Presidential candidates are often pressed to defend their military policies in the shadow of a ticking time bomb. At a Fox News debate for Republican candidates this year, moderator Brit Hume asked whether torture would be permissible if terrorists had just attacked three malls and a "larger attack" was imminent. At an MSNBC debate for Democratic candidates, "Meet the Press" host Tim Russert imagined a detainee who knew the location of a bomb ticking inside the U.S. "Don't we have the right and responsibility to beat it out of him?" he asked the candidates.
Such dramatic hypotheticals are not only unrealistic but also beside the point, since experts say torture does not usually elicit reliable information. But the clock is running out on a real national security dilemma that many candidates refuse to confront.
The U.S. intercepts international communications to help anticipate security threats, but thousands of hours of potentially important information can go untranslated.
As the 9/11 Commission documented, the National Security Agency intercepted information on Sept. 10, 2001, implying an attack would begin "tomorrow" -- but it was not translated until days later.
Increased attention and funding after the 2001 attacks did not solve the problem, either, because of chronic personnel shortages. Even years after Sept. 11, more than 120,000 hours of intelligence recordings were neglected because there were too few Arabic translators in the U.S. government, according to an internal FBI investigation.
Delaying the translation, analysis and sorting of such material could obscure a clue to preventing the next attack -- a situation that is like a ticking time bomb.
In 2001, only half of the Army's authorized Arabic translator positions were filled. Today, stretched thin across the board, the entire U.S. military continues to turn away qualified translators and intelligence officers who might help prevent a future attack.
Why? What could possibly embolden any policymaker to reject qualified personnel who would protect our national security?
The personnel are gay.
Under the antiquated "don't ask, don't tell" policy, openly gay Americans are barred from serving in the armed services. The military has kicked out 58 Arabic linguists alone. The government cannot replace translators easily or quickly, either.
After Sept. 11, the FBI launched a massive translator recruitment program, for example, garnering 40,000 applications. Yet only about 200 translators were hired from that pool, because most either lacked technical skills or did not pass the high security clearances for sensitive translations. (The clearance process also lasts about six months.)
It is not just intelligence officers, of course. More than 10,000 members of the armed forces have been booted in the "don't ask, don't tell" model since 1993, according to government statistics. Yet simply allowing gay Americans to serve, including those who were already trained prior to their exclusion, could add more than 40,000 people to the armed services, according to some analysts.
Democratic presidential candidates have correctly identified this issue as one of the many times when national security is advanced by upholding America's commitment to equality under the law. They each support strengthening the U.S. military by allowing all qualified Americans to serve.
Yet Republican candidates are caught between advancing national security and surrendering to the homophobic wing of their base.
It is a small and shrinking faction, even on the right. Eight out of 10 Americans support gays serving openly in the military, including "large majorities of Republicans," as the Boston Globe reported in 2005. Reform looks like a matter of time; nine out of 10 Americans under 30 support gays serving openly.
Yet the leading Republican candidates have all chosen to surrender. They brazenly say they would rather discriminate than enlarge our military with qualified candidates.

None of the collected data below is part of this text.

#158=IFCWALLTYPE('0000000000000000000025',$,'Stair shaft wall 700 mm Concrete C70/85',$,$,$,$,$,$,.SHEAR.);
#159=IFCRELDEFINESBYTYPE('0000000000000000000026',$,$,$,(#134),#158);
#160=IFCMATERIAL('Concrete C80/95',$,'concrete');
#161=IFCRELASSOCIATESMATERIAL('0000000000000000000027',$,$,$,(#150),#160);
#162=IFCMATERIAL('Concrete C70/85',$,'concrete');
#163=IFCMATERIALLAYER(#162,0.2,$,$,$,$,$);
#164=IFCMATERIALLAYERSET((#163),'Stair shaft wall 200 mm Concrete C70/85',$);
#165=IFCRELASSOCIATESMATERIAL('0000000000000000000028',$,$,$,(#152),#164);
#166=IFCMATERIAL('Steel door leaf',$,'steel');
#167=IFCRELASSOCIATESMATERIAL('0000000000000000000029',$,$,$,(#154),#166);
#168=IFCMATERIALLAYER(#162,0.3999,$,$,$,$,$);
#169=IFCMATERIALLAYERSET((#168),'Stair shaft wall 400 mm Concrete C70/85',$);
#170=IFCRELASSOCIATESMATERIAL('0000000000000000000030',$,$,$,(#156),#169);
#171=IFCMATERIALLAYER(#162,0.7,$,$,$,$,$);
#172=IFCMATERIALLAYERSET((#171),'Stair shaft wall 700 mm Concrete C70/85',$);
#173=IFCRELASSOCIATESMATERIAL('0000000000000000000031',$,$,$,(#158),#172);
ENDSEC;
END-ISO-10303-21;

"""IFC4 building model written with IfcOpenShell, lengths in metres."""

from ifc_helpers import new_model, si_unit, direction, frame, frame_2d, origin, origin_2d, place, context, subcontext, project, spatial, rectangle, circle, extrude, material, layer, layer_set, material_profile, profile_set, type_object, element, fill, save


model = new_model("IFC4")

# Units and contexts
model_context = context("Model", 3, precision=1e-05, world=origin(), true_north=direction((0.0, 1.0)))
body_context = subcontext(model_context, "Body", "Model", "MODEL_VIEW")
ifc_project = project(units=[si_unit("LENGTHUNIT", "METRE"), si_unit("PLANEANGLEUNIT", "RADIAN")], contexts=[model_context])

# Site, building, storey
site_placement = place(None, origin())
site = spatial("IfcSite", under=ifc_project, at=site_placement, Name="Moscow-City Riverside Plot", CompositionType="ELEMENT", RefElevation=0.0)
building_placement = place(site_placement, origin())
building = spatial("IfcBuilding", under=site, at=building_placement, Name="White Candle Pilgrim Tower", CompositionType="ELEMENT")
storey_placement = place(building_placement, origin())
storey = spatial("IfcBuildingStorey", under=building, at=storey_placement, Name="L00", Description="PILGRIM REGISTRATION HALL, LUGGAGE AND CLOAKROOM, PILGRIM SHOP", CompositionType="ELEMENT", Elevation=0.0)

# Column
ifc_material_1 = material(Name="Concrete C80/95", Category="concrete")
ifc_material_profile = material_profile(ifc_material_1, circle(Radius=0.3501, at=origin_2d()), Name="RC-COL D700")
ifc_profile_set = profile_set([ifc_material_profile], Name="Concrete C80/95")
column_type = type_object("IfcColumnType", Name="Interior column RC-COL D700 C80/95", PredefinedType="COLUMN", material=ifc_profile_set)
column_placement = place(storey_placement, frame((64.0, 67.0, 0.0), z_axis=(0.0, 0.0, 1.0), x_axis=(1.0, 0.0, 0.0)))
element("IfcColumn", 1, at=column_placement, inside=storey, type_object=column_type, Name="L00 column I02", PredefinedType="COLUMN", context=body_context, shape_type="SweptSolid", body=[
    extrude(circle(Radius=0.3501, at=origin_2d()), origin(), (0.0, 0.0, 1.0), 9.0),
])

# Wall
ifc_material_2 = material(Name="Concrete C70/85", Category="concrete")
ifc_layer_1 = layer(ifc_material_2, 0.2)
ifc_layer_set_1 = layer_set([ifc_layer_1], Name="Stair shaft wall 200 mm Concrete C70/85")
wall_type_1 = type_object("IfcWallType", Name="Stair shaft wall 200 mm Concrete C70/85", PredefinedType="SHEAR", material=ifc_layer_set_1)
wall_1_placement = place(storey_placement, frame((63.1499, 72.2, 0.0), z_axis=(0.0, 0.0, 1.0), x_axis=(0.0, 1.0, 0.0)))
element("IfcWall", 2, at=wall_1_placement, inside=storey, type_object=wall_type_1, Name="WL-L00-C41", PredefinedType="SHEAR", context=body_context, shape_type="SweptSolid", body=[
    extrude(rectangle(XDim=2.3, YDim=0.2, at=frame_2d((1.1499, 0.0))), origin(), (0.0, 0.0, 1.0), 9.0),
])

Bigotry has many costs, of course. In this instance, Republican pandering to anti-gay sentiment could endanger our national security and allow the preventable injury or death of American citizens.
The recent CNN debate did raise one question about the Republicans' general views of the "don't ask, don't tell" policy. But it hardly captured the stakes. For Republicans who aspire to be commander in chief -- and reporters willing to lob hypothetical ticking time bombs for dilemmas that actually exist -- the question is more urgent.
We should ask these candidates:
If information about potential terrorist attacks could be translated only by intelligence officers who were openly gay, would you change policy so they could serve?
The clock is ticking.
This post is adapted from a Politico op-ed by Ari Melber.